Label-free OIRD detection of protein microarrays on high dielectric constant substrate with enhanced intrinsic sensitivity

Meng Li; Xiaoyi Li; Dandan Ji; Yuda Ren; Shiwu Qian; Wei Sun; Weihua Hu

doi:10.1016/j.talanta.2024.126201

Label-free OIRD detection of protein microarrays on high dielectric constant substrate with enhanced intrinsic sensitivity

Talanta. 2024 May 6:276:126201. doi: 10.1016/j.talanta.2024.126201. Online ahead of print.

Authors

Meng Li¹, Xiaoyi Li¹, Dandan Ji¹, Yuda Ren¹, Shiwu Qian¹, Wei Sun², Weihua Hu³

Affiliations

¹ Key Laboratory of Luminescence Analysis and Molecular Sensing (Southwest University), Ministry of Education, School of Materials and Energy, Southwest University, Chongqing 400715, China.
² Key Laboratory of Laser Technology and Optoelectronic Functional Materials of Hainan Province, Key Laboratory of Functional Materials and Photoelectrochemistry of Haikou, College of Chemistry and Chemical Engineering, Hainan Normal University, Haikou 571158, China. Electronic address: sunwei@hainnu.edu.cn.
³ Key Laboratory of Luminescence Analysis and Molecular Sensing (Southwest University), Ministry of Education, School of Materials and Energy, Southwest University, Chongqing 400715, China. Electronic address: whhu@swu.edu.cn.

PMID: 38718653
DOI: 10.1016/j.talanta.2024.126201

Abstract

Oblique-incidence reflectivity difference (OIRD) is a dielectric constant-sensitive technique and exhibits intriguing applications in label-free and high-throughput detection of protein microarrays. With the outstanding advantage of being compatible with arbitrary substrates, however, the effect of the substrate, particularly its dielectric constant on the OIRD sensitivity has not been fully disclosed. In this paper, for the first time we investigated the dependence of OIRD sensitivity on the dielectric constant of the substrate under top-incident OIRD configuration by combining theoretical modeling and experimental evaluation.
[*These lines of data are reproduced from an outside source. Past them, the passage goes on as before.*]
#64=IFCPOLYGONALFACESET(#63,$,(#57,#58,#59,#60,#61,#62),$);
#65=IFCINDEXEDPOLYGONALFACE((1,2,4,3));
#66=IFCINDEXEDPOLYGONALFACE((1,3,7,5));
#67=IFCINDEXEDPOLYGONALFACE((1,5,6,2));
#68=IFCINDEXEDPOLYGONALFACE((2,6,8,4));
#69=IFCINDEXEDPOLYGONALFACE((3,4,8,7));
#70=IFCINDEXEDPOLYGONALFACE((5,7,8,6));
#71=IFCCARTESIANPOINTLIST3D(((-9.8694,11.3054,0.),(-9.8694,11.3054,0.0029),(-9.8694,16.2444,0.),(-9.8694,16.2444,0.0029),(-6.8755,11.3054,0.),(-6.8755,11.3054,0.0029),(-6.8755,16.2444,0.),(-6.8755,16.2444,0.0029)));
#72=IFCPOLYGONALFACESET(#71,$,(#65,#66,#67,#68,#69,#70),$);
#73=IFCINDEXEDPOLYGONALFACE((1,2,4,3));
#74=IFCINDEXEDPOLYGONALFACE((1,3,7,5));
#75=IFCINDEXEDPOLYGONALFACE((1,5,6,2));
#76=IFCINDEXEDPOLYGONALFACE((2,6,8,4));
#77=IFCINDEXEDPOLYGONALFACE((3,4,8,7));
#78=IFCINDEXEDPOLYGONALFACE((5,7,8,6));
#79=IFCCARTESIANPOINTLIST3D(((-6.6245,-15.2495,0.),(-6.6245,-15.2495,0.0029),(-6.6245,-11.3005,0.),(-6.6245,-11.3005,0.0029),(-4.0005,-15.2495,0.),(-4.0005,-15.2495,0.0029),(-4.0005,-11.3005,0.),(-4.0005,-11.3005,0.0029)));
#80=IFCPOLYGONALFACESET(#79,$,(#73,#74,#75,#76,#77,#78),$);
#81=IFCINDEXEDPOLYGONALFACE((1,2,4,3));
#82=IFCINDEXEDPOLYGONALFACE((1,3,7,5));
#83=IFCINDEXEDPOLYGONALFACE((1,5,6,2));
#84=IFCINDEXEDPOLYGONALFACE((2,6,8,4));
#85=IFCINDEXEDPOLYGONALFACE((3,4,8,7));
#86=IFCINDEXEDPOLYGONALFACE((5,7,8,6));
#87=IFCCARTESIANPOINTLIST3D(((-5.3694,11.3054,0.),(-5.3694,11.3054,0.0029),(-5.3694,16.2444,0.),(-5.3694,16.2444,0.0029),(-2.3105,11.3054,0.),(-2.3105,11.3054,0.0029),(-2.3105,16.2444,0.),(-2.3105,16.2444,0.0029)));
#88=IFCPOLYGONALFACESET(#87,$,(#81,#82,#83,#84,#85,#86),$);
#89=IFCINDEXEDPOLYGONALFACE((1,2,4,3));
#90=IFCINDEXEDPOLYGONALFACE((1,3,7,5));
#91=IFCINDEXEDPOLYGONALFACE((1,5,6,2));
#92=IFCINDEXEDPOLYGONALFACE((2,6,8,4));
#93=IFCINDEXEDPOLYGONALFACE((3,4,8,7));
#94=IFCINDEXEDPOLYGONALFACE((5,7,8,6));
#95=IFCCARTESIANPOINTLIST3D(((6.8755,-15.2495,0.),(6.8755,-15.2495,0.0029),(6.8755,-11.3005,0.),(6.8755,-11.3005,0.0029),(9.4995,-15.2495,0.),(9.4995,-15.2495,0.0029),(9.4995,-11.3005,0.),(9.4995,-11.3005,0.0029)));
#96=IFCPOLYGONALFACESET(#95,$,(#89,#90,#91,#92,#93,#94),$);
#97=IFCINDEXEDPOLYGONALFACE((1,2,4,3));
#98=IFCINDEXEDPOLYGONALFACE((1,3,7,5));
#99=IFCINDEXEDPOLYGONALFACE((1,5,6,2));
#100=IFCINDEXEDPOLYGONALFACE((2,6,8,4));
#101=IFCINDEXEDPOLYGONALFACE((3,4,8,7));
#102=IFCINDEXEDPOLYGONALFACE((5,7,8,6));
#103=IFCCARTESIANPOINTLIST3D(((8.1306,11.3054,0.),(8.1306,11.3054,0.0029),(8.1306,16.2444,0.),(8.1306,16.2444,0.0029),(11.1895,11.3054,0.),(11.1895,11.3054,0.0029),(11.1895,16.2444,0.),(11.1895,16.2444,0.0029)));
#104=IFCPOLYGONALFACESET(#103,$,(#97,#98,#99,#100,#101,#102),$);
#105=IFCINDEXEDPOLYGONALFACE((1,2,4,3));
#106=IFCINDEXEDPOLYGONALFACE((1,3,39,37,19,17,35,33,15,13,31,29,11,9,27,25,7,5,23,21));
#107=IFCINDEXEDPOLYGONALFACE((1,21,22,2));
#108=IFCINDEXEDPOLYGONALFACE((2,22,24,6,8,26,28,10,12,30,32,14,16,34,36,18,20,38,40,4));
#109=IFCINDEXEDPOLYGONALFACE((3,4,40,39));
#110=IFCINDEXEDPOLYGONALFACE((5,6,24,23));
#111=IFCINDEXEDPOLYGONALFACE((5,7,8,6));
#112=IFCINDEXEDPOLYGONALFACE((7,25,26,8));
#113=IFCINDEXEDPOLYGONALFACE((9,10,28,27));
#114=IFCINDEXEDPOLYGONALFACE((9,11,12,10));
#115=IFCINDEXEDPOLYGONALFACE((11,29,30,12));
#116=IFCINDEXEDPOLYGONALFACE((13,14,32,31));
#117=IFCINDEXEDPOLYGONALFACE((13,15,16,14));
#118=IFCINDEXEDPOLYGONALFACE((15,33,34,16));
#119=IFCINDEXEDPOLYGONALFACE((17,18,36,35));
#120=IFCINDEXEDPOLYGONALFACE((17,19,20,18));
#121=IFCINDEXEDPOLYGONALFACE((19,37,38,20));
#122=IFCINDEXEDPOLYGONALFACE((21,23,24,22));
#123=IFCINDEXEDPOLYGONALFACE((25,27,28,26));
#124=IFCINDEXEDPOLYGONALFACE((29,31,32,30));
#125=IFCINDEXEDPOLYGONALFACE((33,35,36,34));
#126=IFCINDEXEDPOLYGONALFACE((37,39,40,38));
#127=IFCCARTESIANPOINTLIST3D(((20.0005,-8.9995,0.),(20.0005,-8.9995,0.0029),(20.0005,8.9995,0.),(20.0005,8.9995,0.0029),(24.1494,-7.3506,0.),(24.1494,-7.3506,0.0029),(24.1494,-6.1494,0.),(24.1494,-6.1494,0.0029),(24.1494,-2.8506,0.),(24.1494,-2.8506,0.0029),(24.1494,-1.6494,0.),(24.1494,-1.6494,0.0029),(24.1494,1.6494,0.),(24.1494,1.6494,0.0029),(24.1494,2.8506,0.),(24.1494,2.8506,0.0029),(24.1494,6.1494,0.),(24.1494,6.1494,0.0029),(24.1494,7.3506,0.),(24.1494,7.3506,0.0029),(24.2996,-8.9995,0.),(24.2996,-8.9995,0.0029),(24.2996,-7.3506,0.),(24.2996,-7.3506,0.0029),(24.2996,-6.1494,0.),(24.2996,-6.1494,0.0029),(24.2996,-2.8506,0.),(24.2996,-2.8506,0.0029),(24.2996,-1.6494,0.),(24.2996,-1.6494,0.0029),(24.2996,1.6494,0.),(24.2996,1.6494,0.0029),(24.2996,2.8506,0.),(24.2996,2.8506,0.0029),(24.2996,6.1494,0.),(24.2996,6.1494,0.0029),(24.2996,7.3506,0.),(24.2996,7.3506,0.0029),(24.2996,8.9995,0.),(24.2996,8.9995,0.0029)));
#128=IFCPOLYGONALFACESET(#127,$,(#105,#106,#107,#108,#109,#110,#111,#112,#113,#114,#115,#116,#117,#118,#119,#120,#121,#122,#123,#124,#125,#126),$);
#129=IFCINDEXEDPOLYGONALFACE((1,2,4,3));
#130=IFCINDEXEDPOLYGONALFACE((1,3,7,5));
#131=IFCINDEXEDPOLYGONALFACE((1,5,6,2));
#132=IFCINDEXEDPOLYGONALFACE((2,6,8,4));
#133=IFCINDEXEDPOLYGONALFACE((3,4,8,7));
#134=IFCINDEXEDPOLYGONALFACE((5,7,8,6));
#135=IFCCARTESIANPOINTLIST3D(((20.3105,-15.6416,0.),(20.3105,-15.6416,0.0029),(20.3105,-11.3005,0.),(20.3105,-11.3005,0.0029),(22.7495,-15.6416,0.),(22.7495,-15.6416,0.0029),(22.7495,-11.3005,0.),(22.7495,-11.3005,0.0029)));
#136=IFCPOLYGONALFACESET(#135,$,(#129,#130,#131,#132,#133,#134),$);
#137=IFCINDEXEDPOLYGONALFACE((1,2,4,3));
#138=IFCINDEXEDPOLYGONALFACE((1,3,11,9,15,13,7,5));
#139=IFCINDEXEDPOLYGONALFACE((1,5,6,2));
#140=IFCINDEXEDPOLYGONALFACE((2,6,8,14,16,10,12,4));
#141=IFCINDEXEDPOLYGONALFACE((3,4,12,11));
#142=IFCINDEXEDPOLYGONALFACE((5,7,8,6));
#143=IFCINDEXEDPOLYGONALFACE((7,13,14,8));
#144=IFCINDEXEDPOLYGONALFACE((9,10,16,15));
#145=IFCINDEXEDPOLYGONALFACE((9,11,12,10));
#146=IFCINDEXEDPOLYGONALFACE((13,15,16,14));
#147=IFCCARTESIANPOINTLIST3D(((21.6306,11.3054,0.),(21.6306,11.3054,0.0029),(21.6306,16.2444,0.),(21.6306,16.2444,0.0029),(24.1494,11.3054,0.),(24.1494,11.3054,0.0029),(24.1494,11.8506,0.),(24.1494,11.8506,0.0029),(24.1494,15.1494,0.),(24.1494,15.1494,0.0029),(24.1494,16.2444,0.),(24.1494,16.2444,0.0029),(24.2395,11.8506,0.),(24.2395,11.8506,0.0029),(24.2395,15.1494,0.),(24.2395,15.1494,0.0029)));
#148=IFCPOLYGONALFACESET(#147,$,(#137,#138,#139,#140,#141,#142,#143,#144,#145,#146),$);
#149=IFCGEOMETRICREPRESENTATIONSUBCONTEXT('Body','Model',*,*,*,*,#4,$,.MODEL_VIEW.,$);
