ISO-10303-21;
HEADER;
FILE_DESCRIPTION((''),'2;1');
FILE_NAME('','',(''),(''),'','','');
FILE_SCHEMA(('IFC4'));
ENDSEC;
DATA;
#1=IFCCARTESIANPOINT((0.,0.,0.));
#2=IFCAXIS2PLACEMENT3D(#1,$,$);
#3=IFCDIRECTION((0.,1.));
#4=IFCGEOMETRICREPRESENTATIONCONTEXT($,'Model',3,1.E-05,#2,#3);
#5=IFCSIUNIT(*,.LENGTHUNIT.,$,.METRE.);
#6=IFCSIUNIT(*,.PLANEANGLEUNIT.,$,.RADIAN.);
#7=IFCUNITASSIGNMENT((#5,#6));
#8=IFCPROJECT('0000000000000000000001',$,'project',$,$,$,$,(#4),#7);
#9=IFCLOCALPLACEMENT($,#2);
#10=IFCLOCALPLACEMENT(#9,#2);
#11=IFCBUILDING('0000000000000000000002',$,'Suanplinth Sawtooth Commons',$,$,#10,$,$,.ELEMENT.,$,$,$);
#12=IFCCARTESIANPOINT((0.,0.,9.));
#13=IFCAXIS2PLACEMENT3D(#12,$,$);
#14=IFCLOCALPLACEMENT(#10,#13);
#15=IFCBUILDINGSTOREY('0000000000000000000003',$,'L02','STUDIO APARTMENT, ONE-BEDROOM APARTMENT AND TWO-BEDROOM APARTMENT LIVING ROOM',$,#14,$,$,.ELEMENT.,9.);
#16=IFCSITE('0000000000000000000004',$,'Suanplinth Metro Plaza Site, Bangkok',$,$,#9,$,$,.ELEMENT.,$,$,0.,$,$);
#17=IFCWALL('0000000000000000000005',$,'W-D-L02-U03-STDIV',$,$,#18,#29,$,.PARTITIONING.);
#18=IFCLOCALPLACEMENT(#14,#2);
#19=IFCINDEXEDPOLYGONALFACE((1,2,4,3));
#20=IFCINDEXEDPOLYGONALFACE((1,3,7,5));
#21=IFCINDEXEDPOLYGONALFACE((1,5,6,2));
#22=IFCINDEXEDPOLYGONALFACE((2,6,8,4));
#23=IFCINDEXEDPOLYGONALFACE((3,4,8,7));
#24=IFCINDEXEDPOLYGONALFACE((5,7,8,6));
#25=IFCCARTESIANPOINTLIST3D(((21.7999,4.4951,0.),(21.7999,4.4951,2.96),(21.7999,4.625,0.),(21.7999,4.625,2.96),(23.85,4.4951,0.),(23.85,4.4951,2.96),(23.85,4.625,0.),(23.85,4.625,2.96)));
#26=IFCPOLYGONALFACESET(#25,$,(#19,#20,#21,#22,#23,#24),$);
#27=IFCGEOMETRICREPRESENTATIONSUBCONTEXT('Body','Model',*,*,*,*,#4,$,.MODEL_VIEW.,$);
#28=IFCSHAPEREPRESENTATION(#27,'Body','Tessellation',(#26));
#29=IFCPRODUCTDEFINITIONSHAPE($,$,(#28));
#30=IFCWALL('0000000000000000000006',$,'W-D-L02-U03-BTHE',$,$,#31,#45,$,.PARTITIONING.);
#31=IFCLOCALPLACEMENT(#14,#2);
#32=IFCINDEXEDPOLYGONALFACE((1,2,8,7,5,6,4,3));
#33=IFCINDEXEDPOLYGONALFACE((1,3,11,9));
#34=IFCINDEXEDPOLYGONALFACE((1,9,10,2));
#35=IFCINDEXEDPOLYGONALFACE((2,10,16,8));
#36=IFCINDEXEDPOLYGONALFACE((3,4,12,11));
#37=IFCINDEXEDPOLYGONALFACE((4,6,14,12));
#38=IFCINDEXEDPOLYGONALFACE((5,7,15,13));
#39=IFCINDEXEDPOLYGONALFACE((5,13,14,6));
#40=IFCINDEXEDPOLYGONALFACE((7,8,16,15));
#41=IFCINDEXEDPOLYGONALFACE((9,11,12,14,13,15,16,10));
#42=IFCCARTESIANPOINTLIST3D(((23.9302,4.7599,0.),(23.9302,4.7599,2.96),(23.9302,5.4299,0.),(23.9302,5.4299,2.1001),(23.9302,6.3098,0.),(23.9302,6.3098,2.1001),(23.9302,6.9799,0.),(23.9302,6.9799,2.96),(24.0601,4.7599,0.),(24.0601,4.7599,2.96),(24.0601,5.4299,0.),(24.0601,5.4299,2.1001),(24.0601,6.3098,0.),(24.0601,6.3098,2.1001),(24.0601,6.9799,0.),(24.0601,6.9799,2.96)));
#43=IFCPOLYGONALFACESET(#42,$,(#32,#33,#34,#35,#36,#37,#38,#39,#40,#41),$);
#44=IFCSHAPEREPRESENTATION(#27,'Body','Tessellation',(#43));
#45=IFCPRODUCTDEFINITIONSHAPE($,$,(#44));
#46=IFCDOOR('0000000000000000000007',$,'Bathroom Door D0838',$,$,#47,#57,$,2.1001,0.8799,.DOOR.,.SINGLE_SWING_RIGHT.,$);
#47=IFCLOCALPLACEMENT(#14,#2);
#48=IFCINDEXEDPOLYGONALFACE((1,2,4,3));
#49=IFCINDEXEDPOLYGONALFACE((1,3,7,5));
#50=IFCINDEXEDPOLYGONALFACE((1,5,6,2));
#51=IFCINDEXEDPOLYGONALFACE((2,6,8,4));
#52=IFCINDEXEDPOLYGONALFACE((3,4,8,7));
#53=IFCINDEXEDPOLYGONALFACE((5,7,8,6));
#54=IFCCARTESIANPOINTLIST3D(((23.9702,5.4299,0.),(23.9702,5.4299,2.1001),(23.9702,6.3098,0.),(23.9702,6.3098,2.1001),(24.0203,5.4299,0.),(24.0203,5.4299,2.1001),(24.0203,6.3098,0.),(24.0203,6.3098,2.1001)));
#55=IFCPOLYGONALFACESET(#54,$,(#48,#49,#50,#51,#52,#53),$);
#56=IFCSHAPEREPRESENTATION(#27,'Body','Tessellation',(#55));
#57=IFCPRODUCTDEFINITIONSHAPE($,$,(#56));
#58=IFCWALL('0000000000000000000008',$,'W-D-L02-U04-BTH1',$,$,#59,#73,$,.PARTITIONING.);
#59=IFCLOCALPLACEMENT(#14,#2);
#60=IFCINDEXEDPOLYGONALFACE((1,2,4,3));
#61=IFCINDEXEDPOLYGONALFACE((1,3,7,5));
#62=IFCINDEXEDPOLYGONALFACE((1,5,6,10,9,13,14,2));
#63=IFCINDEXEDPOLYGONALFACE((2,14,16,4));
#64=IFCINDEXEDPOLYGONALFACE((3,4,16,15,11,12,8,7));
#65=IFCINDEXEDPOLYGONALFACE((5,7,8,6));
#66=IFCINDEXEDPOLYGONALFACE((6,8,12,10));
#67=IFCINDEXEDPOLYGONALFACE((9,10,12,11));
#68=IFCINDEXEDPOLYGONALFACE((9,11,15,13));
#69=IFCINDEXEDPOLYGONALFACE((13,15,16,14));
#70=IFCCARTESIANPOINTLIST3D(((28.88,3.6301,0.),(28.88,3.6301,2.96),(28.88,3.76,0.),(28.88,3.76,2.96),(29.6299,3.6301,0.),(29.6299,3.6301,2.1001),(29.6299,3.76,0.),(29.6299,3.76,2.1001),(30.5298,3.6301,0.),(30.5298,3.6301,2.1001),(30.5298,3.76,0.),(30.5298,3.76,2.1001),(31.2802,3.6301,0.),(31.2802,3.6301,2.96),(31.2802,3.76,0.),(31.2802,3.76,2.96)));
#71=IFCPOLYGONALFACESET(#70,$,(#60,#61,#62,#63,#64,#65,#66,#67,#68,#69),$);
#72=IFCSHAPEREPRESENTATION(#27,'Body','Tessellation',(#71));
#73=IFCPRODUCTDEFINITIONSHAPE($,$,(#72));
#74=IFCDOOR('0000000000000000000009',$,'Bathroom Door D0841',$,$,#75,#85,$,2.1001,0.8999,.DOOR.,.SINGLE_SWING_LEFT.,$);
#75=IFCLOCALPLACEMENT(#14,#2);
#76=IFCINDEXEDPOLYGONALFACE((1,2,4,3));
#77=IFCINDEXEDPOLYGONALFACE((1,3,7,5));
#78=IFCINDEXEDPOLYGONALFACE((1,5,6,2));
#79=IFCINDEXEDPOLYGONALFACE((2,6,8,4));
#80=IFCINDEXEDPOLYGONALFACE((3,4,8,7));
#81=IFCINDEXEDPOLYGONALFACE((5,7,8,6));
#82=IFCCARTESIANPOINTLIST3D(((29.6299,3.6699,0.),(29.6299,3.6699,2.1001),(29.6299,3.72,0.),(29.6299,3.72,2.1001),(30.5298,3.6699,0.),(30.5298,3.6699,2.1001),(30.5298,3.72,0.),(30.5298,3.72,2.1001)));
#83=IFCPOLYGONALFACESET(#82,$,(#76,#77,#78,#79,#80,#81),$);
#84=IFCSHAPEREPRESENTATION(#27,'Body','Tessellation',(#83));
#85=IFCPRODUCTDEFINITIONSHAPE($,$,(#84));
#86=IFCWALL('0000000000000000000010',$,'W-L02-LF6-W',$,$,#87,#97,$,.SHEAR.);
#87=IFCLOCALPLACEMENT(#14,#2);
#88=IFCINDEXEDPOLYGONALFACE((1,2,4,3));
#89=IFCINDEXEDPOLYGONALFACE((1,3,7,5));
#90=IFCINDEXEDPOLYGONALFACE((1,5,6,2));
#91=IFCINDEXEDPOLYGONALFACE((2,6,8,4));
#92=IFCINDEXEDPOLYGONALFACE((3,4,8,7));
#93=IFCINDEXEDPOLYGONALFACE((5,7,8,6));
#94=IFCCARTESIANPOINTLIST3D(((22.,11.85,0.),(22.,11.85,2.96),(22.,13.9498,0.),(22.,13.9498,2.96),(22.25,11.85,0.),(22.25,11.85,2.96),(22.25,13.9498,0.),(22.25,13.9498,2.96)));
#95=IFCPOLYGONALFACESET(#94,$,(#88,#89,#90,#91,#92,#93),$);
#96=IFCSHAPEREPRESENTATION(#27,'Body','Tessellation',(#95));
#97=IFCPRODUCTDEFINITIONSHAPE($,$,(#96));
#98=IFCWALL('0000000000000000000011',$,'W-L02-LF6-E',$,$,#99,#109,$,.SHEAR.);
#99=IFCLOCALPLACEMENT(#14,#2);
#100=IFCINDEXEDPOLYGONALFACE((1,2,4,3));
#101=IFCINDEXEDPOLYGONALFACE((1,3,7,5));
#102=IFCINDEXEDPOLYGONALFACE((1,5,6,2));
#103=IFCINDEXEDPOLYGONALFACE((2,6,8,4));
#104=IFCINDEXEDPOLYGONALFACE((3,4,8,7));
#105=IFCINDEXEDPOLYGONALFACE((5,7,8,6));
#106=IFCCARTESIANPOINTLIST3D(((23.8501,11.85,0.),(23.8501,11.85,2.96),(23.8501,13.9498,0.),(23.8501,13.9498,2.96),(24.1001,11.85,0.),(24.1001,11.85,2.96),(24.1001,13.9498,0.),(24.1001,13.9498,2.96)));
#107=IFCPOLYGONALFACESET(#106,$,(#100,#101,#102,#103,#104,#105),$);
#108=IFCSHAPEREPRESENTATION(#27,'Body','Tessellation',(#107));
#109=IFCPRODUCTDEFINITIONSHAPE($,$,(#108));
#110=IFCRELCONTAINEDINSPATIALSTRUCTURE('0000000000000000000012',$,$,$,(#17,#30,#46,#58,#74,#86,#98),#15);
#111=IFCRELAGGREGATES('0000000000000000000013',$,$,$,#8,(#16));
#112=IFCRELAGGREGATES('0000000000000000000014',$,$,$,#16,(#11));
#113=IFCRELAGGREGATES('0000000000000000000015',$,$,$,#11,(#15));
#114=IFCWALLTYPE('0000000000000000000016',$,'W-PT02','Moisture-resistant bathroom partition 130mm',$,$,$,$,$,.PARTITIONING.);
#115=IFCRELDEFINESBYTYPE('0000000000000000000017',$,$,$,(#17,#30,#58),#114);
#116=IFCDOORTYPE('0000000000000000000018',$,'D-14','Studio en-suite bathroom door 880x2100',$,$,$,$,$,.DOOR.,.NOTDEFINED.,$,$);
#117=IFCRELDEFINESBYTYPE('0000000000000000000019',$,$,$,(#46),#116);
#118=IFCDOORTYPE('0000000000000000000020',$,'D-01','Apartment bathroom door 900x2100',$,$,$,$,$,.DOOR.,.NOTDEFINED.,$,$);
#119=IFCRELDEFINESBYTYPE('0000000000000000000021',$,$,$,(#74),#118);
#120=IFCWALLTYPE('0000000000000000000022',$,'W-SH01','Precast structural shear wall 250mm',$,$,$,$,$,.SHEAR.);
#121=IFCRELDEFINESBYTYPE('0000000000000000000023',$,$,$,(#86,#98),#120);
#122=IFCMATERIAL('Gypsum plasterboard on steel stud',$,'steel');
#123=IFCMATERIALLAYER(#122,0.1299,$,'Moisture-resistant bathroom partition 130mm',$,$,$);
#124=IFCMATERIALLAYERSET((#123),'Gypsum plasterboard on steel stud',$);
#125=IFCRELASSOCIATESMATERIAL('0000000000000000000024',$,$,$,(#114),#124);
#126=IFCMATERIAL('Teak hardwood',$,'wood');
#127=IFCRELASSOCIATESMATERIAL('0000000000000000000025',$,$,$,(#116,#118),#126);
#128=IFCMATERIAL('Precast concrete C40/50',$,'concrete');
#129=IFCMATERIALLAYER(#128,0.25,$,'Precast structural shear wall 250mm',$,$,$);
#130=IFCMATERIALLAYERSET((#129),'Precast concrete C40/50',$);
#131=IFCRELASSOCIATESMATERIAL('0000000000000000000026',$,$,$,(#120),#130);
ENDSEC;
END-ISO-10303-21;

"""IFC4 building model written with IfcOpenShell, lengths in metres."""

from ifc_helpers import new_model, si_unit, direction, frame, frame_2d, origin, place, context, subcontext, project, spatial, rectangle, extrude, material, layer, layer_set, type_object, element, fill, save


model = new_model("IFC4")

# Units and contexts
model_context = context("Model", 3, precision=1e-05, world=origin(), true_north=direction((0.0, 1.0)))
body_context = subcontext(model_context, "Body", "Model", "MODEL_VIEW")
ifc_project = project(units=[si_unit("LENGTHUNIT", "METRE"), si_unit("PLANEANGLEUNIT", "RADIAN")], contexts=[model_context])

# Site, building, storey
site_placement = place(None, origin())
site = spatial("IfcSite", under=ifc_project, at=site_placement, Name="Suanplinth Metro Plaza Site, Bangkok", CompositionType="ELEMENT", RefElevation=0.0)
building_placement = place(site_placement, origin())
building = spatial("IfcBuilding", under=site, at=building_placement, Name="Suanplinth Sawtooth Commons", CompositionType="ELEMENT")
storey_placement = place(building_placement, frame((0.0, 0.0, 9.0)))
storey = spatial("IfcBuildingStorey", under=building, at=storey_placement, Name="L02", Description="STUDIO APARTMENT, ONE-BEDROOM APARTMENT AND TWO-BEDROOM APARTMENT LIVING ROOM", CompositionType="ELEMENT", Elevation=9.0)

# Shared definitions
ifc_material_1 = material(Name="Precast concrete C40/50", Category="concrete")

# Shared definitions
ifc_material_2 = material(Name="Gypsum plasterboard on steel stud", Category="steel")
ifc_material_3 = material(Name="Teak hardwood", Category="wood")

# Wall
ifc_layer_1 = layer(ifc_material_2, 0.1299, Name="Moisture-resistant bathroom partition 130mm")
ifc_layer_set_1 = layer_set([ifc_layer_1], Name="Gypsum plasterboard on steel stud")
wall_type_1 = type_object("IfcWallType", Name="W-PT02", Description="Moisture-resistant bathroom partition 130mm", PredefinedType="PARTITIONING", material=ifc_layer_set_1)
wall_1_placement = place(storey_placement, frame((21.8, 4.5601, 0.0), z_axis=(0.0, 0.0, 1.0), x_axis=(1.0, 0.0, 0.0)))
element("IfcWall", 1, at=wall_1_placement, inside=storey, type_object=wall_type_1, Name="W-D-L02-U03-STDIV", PredefinedType="PARTITIONING", context=body_context, shape_type="SweptSolid", body=[
    extrude(rectangle(XDim=2.05, YDim=0.1299, at=frame_2d((1.0249, 0.0))), origin(), (0.0, 0.0, 1.0), 2.96),
])

# Walls, openings, doors
wall_2_placement = place(storey_placement, frame((23.9951, 4.76, 0.0), z_axis=(0.0, 0.0, 1.0), x_axis=(0.0, 1.0, 0.0)))
wall_2 = element("IfcWall", 2, at=wall_2_placement, inside=storey, type_object=wall_type_1, Name="W-D-L02-U03-BTHE", PredefinedType="PARTITIONING", context=body_context, shape_type="SweptSolid", body=[
    extrude(rectangle(XDim=2.22, YDim=0.1299, at=frame_2d((1.1099, 0.0))), origin(), (0.0, 0.0, 1.0), 2.96),
])
opening_1_placement = place(wall_2_placement, frame((0.6699, 0.0, 0.0)))
opening_1 = element("IfcOpeningElement", 3, at=opening_1_placement, cuts=wall_2, PredefinedType="OPENING", context=body_context, shape_type="SweptSolid", body=[
    extrude(rectangle(XDim=0.8799, YDim=2.1001, at=frame_2d((0.4399, 1.05))), frame((0.0, 0.0798, 0.0), z_axis=(0.0, -1.0, 0.0), x_axis=(1.0, 0.0, 0.0)), (0.0, 0.0, 1.0), 0.1597),
])
door_type_1 = type_object("IfcDoorType", Name="D-14", Description="Studio en-suite bathroom door 880x2100", OperationType="NOTDEFINED", PredefinedType="DOOR", material=ifc_material_3)
door_1_placement = place(opening_1_placement, origin())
Optical modeling suggested that the higher dielectric constant substrate exhibits a higher intrinsic sensitivity. Experimentally, three substrates including glass, fluorine-doped tin oxide (FTO) and silicon (Si) with different dielectric constants were selected as microarray substrates and their detection performances were evaluated. In good agreement with the modeling, high dielectric constant Si-based microarray exhibited the highest sensitivity among three chips, reaching a detection limit of as low as 5 ng mL^-1 with streptavidin as the model target. Quantification of captured targets on three chips with on-chip enzyme-linked immunosorbent assay (ELISA) further confirmed that the enhanced performance originates from the high dielectric constant enhanced intrinsic OIRD sensitivity. This work thus provides a new way to OIRD-based label-free microarrays with improved sensitivity.

Keywords: Dielectric constant; Intrinsic sensitivity; OIRD; Protein microarray; Silicon substrate.